Ignoring the modulo $$p$$ stuff for the time being, the goal of the NTRU systems is to try and have the receiver recover characteristic zero polynomial $$pg(x)r(x)+f(x)m(x).$$ However, receiver does all of their recovery in characteristic $$q$$ and so recovery in previous circumstances failed if any coefficients fall outside the interval $$(-q/2,q/2)$$. With quaternions there is the additional gotcha of making sure that we do the correct right and left multiplies when recovering the polynomial.
Here receiver has formed the characteristic $$q$$ polynomial $$h$$ according to $$h(x)\equiv pf^{-1}(x)g(x)\pmod{\langle q,x^n-1\rangle}.$$ Sender then forms the characteristic $$q$$ polynomial $$e(x)\equiv r(x)h(x)+m(x)=pr(x)f^{-1}(x)g(x)+m(x)\pmod{\langle q,x^n-1\rangle}.$$ Receiver then computes the characteristic $$q$$ polynomial $$f(x)e(x)\equiv pf(x)r(x)f^{-1}(x)g(x)+f(x)m(x)\pmod{\langle q,x^n-1\rangle}.$$ If we were in a commutative setting, this would be fine as things would resolve to $$pr(x)g(x)+f(x)m(x)\pmod{\langle q,x^n-1\rangle}$$ as required.
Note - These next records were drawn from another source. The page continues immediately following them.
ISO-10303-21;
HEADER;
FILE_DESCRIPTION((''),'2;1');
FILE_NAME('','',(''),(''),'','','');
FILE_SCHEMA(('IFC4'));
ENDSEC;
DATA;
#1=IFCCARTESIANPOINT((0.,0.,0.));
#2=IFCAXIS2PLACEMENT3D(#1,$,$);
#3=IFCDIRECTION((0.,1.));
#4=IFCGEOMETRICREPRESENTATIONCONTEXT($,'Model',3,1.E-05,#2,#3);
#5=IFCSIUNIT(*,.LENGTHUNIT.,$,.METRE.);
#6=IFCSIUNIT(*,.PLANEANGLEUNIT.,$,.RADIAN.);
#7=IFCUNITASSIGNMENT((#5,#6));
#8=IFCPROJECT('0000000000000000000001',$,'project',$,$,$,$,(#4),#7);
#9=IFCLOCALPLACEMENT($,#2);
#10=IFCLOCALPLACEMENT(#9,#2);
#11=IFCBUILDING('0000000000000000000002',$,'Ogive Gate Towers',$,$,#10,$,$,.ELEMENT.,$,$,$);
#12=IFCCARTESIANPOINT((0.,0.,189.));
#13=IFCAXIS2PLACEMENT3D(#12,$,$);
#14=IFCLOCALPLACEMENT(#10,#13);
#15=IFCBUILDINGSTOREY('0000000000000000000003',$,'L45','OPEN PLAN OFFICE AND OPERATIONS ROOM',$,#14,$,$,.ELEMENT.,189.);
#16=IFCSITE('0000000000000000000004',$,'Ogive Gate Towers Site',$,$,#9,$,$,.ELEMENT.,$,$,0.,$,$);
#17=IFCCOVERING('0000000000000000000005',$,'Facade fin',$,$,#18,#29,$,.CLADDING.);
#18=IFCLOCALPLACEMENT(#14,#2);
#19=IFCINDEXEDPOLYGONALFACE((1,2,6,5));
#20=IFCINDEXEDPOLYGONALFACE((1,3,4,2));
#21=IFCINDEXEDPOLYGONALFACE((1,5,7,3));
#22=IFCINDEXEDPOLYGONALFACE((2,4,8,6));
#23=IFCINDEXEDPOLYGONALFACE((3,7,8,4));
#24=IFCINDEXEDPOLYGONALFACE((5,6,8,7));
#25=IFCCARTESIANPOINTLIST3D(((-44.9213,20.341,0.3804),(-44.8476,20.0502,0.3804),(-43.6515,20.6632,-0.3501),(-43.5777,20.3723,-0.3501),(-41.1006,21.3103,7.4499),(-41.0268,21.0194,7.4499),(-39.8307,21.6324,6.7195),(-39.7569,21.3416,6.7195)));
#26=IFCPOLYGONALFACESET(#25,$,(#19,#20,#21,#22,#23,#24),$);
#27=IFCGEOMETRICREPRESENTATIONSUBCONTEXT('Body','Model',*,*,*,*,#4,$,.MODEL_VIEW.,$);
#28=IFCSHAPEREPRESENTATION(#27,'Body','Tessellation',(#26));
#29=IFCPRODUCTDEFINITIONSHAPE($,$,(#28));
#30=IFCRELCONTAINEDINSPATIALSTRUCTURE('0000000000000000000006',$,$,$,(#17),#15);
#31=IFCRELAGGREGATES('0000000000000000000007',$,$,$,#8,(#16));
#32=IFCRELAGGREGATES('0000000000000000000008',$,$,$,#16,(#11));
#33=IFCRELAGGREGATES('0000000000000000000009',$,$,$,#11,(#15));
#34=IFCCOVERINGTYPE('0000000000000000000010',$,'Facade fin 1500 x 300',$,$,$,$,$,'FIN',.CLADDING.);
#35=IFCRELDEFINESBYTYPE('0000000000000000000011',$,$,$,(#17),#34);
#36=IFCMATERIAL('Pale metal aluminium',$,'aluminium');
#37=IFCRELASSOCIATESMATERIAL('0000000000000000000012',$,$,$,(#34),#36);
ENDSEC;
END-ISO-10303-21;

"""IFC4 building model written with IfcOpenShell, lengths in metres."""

from ifc_helpers import new_model, si_unit, direction, frame, origin, origin_2d, place, context, subcontext, project, spatial, rectangle, extrude, material, material_profile, profile_set, type_object, element, save


model = new_model("IFC4")

# Units and contexts
model_context = context("Model", 3, precision=1e-05, world=origin(), true_north=direction((0.0, 1.0)))
body_context = subcontext(model_context, "Body", "Model", "MODEL_VIEW")
ifc_project = project(units=[si_unit("LENGTHUNIT", "METRE"), si_unit("PLANEANGLEUNIT", "RADIAN")], contexts=[model_context])

# Site, building, storey
site_placement = place(None, origin())
site = spatial("IfcSite", under=ifc_project, at=site_placement, Name="Ogive Gate Towers Site", CompositionType="ELEMENT", RefElevation=0.0)
building_placement = place(site_placement, origin())
building = spatial("IfcBuilding", under=site, at=building_placement, Name="Ogive Gate Towers", CompositionType="ELEMENT")
storey_placement = place(building_placement, frame((0.0, 0.0, 189.0)))
storey = spatial("IfcBuildingStorey", under=building, at=storey_placement, Name="L45", Description="OPEN PLAN OFFICE AND OPERATIONS ROOM", CompositionType="ELEMENT", Elevation=189.0)

# Shared definitions
ifc_material_1 = material(Name="Pale metal aluminium", Category="aluminium")

# Covering
ifc_material_profile_1 = material_profile(ifc_material_1, rectangle(XDim=0.3, YDim=1.5, at=origin_2d()), Name="1500 x 300 pale metal aluminium")
ifc_profile_set_1 = profile_set([ifc_material_profile_1], Name="Pale metal aluminium")
covering_type = type_object("IfcCoveringType", Name="Facade fin 1500 x 300", ElementType="FIN", PredefinedType="CLADDING", material=ifc_profile_set_1)
covering_1_placement = place(storey_placement, frame((-44.2495, 20.3567, 0.0151), z_axis=(0.472039, 0.119744, 0.873408), x_axis=(-0.245886, 0.969299, 0.0)))
element("IfcCovering", 1, at=covering_1_placement, inside=storey, type_object=covering_type, Name="Facade fin", PredefinedType="CLADDING", context=body_context, shape_type="SweptSolid", body=[
    extrude(rectangle(XDim=0.3, YDim=1.5, at=origin_2d()), origin(), (0.0, 0.0, 1.0), 8.0942),
])

save(model, "model.ifc")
However quaternions do not commute and so we cannot perform this simplification.
If however we change the computation of e(x) so that we multiply with $$r(x)$$ on the right we have $$e(x)\equiv h(x)r(x)+m(x)=pf^{-1}(x)g(x)r(x)+m(x)\pmod{\langle q,x^n-1\rangle}$$ and $$f(x)e(x)\equiv pf(x)f^{-1}(x)g(x)r(x)+f(x)m(x)\pmod{\langle q,x^n-1\rangle}$$ which would resolve to $$pg(x)r(x)+f(x)m(x)\pmod{\langle q,x^n-1\rangle}$$ and decryption could proceed correctly. I think that this just entails changing Q_rh = Quaternion_mul_Quaternion(Q_r, Q_h) to Q_rh = Quaternion_mul_Quaternion(Q_h, Q_r), but have not experimented.